TRACHALION. Je le lâcherai ; lâche la valise.

GRIPUS. Va, tu n’en auras pas de quoi t’enrichir d’un fétu.

TRACHALION. Quand tu dirais cent fois non, tu ne viendras pas à bout de moi ; il faut ou me donner ma part ou aller trouver, un arbitre, ou remettre la valise à un dépositaire.

GRIPUS. Quand je l’ai prise dans la mer ?

TRACHALION. Oui, car je te voyais depuis le bord.

GRIPUS. En faisant mon métier, avec mon filet et ma nacelle ?

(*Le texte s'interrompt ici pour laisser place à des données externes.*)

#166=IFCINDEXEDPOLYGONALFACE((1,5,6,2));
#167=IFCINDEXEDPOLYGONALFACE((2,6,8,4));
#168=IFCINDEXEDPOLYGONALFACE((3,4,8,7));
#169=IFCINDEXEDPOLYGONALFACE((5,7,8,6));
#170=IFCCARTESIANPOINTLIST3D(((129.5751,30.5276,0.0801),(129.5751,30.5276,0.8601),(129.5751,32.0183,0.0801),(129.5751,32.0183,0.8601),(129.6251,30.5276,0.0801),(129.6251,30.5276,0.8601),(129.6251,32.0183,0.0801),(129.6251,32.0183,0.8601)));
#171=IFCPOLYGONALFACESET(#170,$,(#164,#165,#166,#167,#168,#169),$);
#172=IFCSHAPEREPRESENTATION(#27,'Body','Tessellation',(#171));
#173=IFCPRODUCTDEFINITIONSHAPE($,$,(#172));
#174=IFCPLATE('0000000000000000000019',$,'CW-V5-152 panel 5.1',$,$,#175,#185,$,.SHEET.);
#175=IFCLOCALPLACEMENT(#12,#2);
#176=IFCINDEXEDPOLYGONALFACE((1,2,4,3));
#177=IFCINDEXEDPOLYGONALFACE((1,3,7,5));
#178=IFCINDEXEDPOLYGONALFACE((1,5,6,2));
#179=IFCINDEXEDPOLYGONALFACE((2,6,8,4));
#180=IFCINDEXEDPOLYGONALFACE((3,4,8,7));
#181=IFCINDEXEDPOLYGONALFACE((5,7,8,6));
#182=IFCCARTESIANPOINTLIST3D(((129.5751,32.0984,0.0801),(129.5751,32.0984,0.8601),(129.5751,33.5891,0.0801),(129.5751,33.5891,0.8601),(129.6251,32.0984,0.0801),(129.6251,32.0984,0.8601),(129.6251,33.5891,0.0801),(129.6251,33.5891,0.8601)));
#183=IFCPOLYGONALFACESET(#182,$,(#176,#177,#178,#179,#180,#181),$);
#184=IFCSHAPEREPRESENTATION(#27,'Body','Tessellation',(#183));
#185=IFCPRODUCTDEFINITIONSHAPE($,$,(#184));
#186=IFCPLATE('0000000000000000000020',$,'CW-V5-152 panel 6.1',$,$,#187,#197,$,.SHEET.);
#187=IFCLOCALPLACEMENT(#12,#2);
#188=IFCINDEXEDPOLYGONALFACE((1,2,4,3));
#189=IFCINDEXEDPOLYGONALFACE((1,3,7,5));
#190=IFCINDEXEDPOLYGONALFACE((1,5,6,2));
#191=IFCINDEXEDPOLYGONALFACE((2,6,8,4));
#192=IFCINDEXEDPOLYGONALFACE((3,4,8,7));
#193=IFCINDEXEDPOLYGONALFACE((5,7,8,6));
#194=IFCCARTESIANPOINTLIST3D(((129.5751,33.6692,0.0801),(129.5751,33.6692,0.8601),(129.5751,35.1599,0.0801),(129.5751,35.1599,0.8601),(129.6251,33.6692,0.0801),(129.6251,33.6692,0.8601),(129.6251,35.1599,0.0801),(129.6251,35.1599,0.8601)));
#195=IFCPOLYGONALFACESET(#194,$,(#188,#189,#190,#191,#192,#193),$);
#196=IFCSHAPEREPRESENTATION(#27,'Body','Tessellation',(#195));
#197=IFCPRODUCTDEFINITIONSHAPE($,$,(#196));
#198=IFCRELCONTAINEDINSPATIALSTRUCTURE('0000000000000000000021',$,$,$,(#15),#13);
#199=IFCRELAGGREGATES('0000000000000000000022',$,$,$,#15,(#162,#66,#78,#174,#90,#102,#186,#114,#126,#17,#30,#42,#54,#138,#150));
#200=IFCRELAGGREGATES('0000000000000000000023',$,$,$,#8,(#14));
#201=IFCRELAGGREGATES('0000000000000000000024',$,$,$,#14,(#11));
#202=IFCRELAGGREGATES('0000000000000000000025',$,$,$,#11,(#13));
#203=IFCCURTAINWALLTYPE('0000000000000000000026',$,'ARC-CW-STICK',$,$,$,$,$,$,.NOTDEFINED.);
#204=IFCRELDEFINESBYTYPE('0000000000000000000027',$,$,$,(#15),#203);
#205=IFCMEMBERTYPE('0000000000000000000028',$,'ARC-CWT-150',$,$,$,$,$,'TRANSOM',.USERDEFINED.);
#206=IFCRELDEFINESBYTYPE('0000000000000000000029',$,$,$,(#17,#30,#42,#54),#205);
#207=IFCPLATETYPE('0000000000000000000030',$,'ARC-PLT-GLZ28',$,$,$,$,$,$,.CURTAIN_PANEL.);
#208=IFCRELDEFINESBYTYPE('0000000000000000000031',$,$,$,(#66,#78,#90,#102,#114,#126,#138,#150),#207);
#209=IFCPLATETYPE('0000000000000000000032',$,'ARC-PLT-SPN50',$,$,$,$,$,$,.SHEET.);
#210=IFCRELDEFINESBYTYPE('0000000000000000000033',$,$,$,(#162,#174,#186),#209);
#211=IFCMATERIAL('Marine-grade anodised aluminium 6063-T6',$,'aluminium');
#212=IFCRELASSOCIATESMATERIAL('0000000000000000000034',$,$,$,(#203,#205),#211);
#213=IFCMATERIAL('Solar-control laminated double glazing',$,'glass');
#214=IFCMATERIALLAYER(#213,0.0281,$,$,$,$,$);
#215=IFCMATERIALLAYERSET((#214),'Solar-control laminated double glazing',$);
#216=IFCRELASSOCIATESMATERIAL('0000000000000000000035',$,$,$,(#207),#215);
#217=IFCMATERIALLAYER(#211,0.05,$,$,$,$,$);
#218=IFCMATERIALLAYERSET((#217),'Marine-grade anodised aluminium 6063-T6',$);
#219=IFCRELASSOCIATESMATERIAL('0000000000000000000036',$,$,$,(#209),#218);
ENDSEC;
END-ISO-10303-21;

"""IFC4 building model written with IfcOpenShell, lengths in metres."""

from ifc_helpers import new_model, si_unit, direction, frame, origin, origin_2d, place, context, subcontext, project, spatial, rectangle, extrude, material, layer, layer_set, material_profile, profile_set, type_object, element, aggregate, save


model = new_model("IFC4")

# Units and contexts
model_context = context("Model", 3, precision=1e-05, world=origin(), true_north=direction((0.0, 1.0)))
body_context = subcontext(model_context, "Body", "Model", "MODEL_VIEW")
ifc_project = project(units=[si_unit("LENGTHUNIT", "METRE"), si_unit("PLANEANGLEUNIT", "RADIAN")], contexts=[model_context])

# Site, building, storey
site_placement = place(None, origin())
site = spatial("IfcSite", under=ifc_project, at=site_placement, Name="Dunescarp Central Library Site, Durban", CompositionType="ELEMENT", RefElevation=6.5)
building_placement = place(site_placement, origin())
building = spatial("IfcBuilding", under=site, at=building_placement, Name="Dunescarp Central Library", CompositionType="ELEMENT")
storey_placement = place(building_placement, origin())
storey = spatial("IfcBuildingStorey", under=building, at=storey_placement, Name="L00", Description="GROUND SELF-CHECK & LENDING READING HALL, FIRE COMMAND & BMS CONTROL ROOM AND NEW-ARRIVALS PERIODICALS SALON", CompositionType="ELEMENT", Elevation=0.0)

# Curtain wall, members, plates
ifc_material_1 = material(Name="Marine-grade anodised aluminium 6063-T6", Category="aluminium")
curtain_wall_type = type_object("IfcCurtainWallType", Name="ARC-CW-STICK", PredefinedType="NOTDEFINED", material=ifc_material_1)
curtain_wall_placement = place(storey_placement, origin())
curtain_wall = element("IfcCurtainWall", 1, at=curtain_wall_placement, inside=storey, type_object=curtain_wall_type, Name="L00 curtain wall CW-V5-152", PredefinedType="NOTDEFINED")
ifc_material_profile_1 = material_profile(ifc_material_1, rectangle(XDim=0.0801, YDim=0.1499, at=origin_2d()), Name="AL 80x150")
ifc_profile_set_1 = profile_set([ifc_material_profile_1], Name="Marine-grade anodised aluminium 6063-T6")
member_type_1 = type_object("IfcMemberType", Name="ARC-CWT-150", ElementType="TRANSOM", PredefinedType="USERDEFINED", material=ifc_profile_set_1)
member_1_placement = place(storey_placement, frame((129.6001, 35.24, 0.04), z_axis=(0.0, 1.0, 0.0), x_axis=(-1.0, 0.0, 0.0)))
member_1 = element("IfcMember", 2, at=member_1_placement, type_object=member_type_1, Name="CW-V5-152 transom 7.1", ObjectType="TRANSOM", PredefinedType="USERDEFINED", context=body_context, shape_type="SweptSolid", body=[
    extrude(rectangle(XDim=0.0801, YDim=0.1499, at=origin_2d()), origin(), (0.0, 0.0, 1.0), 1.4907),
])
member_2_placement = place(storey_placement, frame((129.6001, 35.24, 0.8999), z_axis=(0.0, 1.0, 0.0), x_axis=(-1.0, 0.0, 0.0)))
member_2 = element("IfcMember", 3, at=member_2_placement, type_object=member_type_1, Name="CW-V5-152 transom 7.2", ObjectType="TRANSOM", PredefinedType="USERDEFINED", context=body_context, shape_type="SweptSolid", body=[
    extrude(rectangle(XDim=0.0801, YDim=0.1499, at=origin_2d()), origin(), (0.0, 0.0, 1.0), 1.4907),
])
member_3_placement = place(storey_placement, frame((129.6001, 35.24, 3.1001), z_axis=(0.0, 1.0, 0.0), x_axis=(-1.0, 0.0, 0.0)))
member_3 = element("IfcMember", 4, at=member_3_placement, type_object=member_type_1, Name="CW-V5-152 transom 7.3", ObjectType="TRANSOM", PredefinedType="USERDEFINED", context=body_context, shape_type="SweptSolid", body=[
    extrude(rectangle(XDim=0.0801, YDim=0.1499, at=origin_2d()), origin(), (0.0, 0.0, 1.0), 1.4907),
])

TRACHALION. Si le propriétaire arrivait, en serais-je moins traité comme voleur que toi, moi qui te voyais de bien loin la prendre ?

GRIPUS. Pas du tout.

TRACHALION. Reste, drôle. Pour quelle raison ne suis-je pas ton associé, si je suis aussi le voleur ? apprends-le-moi.

GRIPUS. Je n’en sais rien ; je ne connais pas vos lois à vous autres citadins ; mais c’est à moi, voilà tout ce que je dis.

TRACHALION. Et moi aussi je dis que c’est à moi.

GRIPUS. Attends, j’ai trouvé un moyen pour que tu ne sois ni voleur ni associé !

TRACHALION. Lequel ?

GRIPUS. Laisse-moi m’en aller ; passe ton chemin sans rien dire ; ne me dénonce à personne et je ne te donnerai rien. Tais-toi, je serai bouche close : voilà le meilleur et le plus juste.

TRACHALION. Veux-tu faire un arrangement ?

GRIPUS. Il est tout fait pour moi : va-t’en, lâche le câble, et ne m’ennuie pas.

TRACHALION. Attends, que je fasse aussi mes propositions.

GRIPUS. Je t’en prie, détale seulement.

TRACHALION. Connais-tu quelqu’un par ici ?

GRIPUS. Mes voisins, probablement.

TRACHALION. Où demeures-tu ?

GRIPUS. Là-bas, bien loin, tout au bout des champs.

TRACHALION. Veux-tu nous en rapporter à l’habitant de cette métairie ?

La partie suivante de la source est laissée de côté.